Results After adjusting for confounders (including comorbidity), conduct problems were weakly associated with police arrest [OR (95% CI)=1.45 (0.97, 2.16)] and school non-completion [OR (95% CI)=1.46 (1.22, 1.74)], but not with gang membership. Police arrest and gang membership were associated with illicit drug use [OR (95% CI)=3.84 (2.46, 5.99); OR (95% CI)=7.78 (4.30, 14.10), respectively] and with hazardous alcohol use [OR (95% CI)=1.60 (1.08, 2.38); OR (95% CI)=1.88 (1.07, 3.30)]. However, there was no association between school non-completion and either outcome after confounder adjustment. There was little evidence for an indirect effect of conduct problems on hazardous alcohol use and illicit drug use via all three mediators after confounder adjustment.

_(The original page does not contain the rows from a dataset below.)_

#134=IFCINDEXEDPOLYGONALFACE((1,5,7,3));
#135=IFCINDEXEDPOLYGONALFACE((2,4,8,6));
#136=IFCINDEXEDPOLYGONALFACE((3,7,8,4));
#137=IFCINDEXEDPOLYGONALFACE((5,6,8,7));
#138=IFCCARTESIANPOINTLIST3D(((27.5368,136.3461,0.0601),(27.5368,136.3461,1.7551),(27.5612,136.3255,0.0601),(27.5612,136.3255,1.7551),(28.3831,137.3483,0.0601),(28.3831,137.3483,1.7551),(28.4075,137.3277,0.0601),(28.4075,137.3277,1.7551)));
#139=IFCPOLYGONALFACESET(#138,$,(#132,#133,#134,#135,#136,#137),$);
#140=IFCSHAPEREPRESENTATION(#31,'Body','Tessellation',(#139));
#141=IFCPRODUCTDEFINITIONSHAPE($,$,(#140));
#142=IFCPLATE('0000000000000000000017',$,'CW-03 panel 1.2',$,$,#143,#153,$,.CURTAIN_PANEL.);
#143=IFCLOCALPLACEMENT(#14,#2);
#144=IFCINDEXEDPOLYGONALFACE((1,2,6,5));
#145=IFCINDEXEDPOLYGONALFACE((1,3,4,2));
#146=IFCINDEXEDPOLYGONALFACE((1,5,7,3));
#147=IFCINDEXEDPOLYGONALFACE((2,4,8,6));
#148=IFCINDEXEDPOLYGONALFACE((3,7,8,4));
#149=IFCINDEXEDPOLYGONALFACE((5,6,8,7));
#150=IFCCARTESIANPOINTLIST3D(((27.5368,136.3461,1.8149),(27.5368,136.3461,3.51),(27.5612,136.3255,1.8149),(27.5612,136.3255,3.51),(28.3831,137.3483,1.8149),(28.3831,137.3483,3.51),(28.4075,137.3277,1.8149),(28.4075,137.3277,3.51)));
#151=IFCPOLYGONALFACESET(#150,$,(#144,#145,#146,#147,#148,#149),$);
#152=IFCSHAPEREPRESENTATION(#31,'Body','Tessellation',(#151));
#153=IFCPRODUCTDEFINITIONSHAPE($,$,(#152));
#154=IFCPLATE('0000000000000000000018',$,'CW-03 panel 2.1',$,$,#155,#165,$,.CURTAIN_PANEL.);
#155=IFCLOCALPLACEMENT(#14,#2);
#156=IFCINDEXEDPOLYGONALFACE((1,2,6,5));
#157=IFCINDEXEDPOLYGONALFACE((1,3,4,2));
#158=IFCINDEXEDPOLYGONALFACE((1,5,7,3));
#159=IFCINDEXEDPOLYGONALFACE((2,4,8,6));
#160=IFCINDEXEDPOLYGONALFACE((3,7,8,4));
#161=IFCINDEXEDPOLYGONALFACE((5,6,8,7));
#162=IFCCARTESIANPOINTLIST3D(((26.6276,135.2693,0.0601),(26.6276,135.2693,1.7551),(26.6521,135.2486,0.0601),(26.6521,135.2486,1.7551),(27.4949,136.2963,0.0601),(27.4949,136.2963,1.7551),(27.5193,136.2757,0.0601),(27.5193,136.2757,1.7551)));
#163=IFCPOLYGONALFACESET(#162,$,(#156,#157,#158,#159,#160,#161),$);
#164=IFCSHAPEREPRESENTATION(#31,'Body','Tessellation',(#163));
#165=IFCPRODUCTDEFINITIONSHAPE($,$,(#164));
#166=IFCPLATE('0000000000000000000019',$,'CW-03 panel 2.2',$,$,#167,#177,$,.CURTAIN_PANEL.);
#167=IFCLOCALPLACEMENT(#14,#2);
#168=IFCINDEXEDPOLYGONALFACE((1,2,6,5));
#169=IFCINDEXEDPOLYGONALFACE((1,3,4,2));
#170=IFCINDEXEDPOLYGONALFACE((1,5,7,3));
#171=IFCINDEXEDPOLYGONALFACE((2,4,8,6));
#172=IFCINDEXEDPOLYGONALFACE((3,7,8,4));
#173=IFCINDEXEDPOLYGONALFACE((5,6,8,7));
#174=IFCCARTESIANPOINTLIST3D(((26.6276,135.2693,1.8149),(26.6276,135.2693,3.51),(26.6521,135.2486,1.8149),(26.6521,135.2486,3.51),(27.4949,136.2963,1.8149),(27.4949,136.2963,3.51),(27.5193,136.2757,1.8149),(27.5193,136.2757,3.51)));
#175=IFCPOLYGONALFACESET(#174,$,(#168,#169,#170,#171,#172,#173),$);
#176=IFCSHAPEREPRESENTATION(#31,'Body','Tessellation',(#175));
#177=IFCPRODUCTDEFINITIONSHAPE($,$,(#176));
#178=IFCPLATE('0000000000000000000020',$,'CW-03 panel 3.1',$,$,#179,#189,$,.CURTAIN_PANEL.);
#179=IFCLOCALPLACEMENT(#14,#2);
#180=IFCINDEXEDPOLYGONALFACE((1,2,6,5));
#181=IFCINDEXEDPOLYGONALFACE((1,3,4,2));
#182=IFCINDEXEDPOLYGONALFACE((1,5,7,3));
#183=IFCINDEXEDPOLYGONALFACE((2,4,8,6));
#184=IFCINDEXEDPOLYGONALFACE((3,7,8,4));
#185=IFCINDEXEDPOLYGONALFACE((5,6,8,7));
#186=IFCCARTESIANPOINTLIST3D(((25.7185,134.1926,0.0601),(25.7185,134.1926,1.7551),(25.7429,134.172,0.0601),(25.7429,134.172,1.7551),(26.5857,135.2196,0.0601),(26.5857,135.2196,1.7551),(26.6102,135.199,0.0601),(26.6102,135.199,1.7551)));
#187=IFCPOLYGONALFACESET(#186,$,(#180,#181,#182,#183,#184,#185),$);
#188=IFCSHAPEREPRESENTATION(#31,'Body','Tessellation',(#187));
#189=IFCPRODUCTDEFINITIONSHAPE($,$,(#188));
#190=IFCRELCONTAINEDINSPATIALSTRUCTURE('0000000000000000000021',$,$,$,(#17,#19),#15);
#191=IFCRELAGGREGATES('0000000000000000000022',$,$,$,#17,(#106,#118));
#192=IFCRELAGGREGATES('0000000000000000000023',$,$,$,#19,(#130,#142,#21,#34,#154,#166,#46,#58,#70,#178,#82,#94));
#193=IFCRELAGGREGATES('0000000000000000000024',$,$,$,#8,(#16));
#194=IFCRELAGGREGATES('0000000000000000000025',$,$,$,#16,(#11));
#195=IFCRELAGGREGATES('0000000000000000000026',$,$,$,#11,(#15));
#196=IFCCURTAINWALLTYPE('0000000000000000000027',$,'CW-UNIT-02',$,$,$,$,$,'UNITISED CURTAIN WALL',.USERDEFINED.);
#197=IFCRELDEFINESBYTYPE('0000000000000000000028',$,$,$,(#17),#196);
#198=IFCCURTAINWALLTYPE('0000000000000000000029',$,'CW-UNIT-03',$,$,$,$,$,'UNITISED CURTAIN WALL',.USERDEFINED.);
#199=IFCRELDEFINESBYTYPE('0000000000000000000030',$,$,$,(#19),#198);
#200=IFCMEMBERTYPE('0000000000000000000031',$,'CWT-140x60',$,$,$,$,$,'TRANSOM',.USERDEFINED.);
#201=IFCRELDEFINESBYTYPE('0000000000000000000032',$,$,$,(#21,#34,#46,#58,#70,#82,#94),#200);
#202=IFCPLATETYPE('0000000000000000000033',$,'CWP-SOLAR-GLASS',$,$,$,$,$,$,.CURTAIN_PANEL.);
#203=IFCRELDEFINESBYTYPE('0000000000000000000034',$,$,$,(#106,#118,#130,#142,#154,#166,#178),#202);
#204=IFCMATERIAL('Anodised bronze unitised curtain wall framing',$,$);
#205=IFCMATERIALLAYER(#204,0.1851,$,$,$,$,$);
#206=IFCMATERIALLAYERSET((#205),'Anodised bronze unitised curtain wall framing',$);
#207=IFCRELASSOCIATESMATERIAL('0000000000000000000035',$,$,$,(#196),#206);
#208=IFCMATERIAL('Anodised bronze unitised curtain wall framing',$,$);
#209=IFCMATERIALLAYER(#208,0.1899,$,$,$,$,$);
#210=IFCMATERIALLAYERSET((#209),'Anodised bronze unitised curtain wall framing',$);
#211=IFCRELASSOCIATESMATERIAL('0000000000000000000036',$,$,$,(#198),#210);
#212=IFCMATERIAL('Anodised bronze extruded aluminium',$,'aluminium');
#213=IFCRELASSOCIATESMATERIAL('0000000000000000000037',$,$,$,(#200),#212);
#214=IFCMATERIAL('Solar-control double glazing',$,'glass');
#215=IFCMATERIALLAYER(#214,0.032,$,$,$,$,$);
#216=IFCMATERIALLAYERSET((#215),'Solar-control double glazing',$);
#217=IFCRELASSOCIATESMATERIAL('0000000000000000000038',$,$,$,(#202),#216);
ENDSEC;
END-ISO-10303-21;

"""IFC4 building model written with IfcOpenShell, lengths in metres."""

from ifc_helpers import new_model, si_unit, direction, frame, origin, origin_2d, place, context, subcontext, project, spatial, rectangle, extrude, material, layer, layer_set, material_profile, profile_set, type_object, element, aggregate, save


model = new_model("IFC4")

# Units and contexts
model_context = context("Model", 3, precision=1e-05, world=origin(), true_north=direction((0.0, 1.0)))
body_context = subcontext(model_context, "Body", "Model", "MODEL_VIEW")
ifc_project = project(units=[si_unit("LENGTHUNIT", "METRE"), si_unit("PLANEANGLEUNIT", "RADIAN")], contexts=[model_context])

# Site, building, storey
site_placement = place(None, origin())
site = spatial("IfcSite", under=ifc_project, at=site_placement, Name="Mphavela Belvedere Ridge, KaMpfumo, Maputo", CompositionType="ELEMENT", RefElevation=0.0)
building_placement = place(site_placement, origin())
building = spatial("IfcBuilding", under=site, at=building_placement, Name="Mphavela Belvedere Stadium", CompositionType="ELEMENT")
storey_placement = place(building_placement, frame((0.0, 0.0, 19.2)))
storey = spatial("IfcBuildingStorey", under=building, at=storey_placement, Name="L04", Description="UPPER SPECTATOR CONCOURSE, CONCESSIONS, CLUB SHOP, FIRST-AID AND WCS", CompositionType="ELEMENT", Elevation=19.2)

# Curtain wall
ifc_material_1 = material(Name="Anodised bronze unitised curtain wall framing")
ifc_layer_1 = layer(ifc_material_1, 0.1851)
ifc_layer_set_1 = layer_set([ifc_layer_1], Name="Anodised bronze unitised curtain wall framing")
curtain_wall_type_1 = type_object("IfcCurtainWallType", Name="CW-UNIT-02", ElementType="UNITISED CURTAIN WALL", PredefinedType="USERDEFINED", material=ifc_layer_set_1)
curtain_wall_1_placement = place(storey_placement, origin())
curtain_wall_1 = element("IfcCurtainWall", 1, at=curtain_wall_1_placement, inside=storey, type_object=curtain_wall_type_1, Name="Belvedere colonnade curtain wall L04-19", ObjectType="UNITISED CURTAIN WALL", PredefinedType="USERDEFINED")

Conclusion The indirect effects of childhood conduct problems on substance use in early adulthood via police arrest, gang membership, and school non-completion were very small, after accounting for confounders and comorbidity.
Introduction
Conduct problems refer to behaviors related to conduct disorder (norm-breaking behaviors and violations of the rights of others) and behaviors related to oppositional defiant disorder (noncompliant, angry and defiant behaviours). In Brazil, conduct problems are almost twice as prevalent as in high-income countries (HIC), with an average prevalence of 21% compared to 13% in the UK and 11% in the US (measured using the Strengths and Difficulties Questionnaire)1, with a higher prevalence even after accounting for measurement differences2. There is robust evidence that childhood conduct problems are associated with various adverse outcomes in early adulthood, including problem behaviors such as alcohol and drug misuse3. Although the majority of evidence comes from HIC, a previous study comparing a British and Brazilian birth cohort found that associations for childhood conduct problems with hazardous alcohol use and illicit drug use in early adulthood were stronger in Brazil compared to the UK2.
Problematic substance use places a significant burden on society as it is linked with alcohol dependency, road traffic accidents, injury, violence, and crime4. To reduce problematic substance use in Brazil, it is important to understand factors that are on the causal pathway from childhood conduct problems. An influential developmental taxonomy published by Moffitt in 1993 introduced the concept of snares that can trap adolescents into long-term problematic behaviors beyond an age when most otherwise desist from these behaviors5. Previous literature has suggested that interrupted education, gang membership and contact with the criminal justice system can act as snares trapping some adolescents into persistent problem behavior, including problematic substance use, when desistance is normative3,6–8.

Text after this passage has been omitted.